Считалось, что на Кладбище Воскресения на Робертс-роуд тоже живут привидения. Рассказывали историю о коммивояжере, который как раз проезжал мимо, когда на дорогу из темноты вышла девочка в белом, и он чуть не переехал ее машиной; он остановился и увидел, что на ней одни только трусики и выглядит она так, будто ее ограбили или изнасиловали или что-нибудь в этом роде, и он спросил, как ее зовут, и она сказала: Мэри, и она напомнила коммивояжеру его дочь, и он спросил, не отвезти ли ее домой, и она села в машину, и он взял с заднего сиденья шаль и накинул ей на плечи, а шаль принадлежала его дочери, и он довез ее до дома, и она поблагодарила его и протянула ему шаль, а он сказал: Нет, возьми себе, и она вбежала в дом, и, знаете, как во всех этих историях с привидениями, он заехал на следующий день проведать ее, и дверь открыла ее мать и сказала, что эта девочка, Мэри, умерла лет пять тому назад, в эту самую ночь, но Ник, который рассказал мне историю, не знал, в какую такую «эту самую».

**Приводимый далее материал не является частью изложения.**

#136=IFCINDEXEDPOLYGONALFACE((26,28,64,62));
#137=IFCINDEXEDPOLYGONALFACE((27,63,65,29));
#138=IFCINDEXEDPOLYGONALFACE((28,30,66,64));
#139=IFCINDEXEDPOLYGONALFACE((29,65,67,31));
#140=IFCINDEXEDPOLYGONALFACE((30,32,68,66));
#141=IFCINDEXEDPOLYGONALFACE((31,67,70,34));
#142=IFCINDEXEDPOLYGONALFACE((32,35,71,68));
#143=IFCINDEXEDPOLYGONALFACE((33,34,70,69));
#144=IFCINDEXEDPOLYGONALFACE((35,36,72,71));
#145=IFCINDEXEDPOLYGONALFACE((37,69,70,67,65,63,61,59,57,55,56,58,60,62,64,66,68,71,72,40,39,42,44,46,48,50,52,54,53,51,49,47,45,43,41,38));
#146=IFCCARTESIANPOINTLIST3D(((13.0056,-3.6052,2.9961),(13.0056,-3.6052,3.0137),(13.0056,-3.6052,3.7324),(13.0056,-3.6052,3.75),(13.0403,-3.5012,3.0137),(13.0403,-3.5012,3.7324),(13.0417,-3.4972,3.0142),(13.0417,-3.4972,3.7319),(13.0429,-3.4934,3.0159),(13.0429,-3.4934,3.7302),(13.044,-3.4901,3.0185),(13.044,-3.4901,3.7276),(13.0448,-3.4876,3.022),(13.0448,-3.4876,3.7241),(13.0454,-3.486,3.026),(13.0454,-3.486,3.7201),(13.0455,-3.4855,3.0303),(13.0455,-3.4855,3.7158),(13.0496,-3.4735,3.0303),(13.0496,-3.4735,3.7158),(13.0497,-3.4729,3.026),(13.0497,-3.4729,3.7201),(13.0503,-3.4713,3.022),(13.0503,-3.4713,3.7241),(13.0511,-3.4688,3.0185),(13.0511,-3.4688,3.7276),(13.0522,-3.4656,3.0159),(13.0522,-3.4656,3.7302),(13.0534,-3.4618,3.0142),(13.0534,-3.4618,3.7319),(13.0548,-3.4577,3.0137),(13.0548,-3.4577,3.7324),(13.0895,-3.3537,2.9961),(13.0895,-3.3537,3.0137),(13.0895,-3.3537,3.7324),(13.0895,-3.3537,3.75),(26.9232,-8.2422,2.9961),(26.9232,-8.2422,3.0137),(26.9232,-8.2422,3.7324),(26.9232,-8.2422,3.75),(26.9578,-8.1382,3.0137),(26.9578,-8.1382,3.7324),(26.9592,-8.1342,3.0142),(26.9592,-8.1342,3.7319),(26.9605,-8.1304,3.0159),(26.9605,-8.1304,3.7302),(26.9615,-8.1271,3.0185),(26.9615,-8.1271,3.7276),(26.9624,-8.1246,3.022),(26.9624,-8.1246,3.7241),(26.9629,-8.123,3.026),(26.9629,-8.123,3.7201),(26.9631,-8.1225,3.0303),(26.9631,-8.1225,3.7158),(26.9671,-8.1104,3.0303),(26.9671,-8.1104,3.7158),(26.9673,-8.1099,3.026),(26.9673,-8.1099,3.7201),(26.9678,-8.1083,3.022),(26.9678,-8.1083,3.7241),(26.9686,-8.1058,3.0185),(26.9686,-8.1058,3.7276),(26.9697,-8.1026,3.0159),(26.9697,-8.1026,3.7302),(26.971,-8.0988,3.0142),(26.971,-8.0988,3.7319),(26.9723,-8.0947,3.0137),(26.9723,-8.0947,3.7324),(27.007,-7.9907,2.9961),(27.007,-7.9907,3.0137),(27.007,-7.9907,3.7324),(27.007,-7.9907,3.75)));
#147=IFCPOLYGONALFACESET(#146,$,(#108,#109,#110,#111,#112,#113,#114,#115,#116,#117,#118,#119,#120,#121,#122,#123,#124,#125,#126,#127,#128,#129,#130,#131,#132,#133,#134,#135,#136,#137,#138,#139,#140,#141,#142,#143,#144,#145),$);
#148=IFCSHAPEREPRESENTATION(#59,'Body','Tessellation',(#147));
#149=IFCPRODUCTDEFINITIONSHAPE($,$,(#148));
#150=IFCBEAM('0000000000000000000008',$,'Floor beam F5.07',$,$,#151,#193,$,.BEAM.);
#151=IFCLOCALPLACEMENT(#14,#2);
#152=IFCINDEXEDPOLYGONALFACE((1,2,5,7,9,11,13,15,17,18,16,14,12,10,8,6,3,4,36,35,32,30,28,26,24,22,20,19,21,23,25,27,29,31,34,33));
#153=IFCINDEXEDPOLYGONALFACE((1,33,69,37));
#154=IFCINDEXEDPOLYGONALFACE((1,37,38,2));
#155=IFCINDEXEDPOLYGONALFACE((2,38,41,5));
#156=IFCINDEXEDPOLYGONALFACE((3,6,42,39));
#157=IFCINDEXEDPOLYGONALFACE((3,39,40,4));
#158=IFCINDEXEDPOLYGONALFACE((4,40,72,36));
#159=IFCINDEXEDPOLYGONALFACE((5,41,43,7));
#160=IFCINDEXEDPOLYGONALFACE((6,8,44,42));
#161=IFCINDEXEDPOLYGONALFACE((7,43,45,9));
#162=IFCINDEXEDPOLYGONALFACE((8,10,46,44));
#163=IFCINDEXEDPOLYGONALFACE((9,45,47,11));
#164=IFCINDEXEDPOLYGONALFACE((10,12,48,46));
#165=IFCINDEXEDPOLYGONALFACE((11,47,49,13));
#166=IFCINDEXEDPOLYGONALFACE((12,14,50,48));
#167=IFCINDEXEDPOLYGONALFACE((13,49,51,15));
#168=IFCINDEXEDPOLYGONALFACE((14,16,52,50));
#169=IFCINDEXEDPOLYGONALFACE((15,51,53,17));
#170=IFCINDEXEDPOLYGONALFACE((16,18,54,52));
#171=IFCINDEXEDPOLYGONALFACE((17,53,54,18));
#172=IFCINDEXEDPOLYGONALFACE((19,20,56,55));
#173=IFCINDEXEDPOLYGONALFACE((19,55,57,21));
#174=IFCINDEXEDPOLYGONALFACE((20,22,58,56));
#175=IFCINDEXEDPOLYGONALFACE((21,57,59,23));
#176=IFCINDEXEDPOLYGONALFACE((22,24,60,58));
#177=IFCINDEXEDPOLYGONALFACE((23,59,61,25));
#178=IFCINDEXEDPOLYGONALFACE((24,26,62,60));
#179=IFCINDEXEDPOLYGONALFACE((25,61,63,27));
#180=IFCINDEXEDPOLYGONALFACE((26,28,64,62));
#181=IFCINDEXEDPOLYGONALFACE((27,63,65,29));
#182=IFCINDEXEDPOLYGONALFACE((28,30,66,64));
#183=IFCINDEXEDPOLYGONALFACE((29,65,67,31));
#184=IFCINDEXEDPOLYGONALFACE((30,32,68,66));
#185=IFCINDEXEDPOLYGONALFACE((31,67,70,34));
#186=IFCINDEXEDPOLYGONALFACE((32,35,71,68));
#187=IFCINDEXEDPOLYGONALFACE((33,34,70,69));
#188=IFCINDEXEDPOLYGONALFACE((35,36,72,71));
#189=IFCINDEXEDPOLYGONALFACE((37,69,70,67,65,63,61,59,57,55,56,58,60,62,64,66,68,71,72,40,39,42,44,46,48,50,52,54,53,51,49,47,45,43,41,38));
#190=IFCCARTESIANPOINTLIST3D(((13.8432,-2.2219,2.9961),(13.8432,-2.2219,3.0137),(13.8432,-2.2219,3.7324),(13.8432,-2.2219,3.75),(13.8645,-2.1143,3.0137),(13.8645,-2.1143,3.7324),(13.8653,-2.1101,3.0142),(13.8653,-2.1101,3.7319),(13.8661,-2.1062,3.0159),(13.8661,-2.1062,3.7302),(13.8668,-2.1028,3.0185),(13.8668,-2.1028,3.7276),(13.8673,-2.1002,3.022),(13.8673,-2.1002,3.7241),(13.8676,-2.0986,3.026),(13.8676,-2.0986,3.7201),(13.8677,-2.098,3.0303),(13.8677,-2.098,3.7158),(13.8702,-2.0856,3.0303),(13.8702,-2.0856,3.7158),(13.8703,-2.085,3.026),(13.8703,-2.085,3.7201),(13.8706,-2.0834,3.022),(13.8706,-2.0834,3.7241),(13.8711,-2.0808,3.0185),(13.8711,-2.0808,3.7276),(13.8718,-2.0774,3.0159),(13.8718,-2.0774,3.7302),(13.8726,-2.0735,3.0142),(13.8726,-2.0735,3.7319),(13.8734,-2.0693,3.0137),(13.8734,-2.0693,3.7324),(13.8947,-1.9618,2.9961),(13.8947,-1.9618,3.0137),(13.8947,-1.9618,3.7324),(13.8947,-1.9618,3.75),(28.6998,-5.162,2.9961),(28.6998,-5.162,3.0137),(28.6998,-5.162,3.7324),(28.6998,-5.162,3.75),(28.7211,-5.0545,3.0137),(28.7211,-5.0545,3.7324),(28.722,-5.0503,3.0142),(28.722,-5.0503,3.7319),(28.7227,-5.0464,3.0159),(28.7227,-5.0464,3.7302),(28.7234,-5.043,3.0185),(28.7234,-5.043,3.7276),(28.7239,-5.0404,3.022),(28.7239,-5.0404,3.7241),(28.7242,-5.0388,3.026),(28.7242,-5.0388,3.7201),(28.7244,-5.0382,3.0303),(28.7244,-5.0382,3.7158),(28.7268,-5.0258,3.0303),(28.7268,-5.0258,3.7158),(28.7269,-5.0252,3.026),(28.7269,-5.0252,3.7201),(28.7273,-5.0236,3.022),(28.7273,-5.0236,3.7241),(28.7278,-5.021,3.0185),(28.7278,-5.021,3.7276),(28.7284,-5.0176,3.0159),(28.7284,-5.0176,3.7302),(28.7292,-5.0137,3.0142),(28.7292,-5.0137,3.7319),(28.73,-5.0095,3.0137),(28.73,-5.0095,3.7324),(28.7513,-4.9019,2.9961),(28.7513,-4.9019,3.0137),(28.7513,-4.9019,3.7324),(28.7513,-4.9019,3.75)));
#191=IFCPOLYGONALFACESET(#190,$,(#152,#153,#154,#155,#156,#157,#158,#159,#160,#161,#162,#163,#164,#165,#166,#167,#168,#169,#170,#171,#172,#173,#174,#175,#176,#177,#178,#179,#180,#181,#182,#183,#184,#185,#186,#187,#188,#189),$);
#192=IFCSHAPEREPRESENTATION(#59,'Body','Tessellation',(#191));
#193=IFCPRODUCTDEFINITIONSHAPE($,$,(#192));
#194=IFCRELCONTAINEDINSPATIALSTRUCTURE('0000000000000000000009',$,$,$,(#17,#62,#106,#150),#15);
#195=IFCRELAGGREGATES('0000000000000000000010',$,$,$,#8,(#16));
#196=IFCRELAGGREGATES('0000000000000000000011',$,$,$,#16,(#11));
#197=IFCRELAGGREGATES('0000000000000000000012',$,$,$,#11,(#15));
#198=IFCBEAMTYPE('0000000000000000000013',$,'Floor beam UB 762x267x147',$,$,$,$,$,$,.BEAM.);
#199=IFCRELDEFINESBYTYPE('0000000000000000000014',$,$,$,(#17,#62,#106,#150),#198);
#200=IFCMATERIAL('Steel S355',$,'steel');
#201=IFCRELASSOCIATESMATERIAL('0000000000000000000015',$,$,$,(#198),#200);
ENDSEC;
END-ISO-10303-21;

В полночь мы отправились на кладбище на его «каприсе» 85 года — потому что мой папа ушел насовсем, и мама, ну, она все время пыталась со мной заговаривать, а я слышал только эту тишину, эту абсолютную мертвую тишину, которая пролегала между ней и папой, и дома я чувствовал себя невидимкой, может, потому что мне так хотелось, и я стал делать все, что моей душе угодно, и решил, что буду возвращаться домой, когда захочу, даже в рабочие дни — короче, мы припарковались в лесу в полумиле от кладбища и пешком подошли к широким железным воротам, на которых было написано ВОСКРЕСЕНИЕ, и на них можно было заметить след от ладони, по всей видимости, ладони Майка, который когда-то толкал эти ворота, хотя я не очень-то в этом уверен, и мы с Ником вошли, и я стал надеяться, что привидения и вправду существуют, потому что это давало мне надежду на то, что кто-то из людей получает второй шанс, или что конец на самом деле не конец, или что воскресение и вправду случается, и ты можешь пройти через худшее и начать все заново — изменившийся, неприкасаемый, неуязвимый, — потому что теперь я был как привидение, или по крайней мере я так себя чувствовал, и мне радостно было думать, что, может, каким-то образом мне будет дан еще какой-нибудь шанс.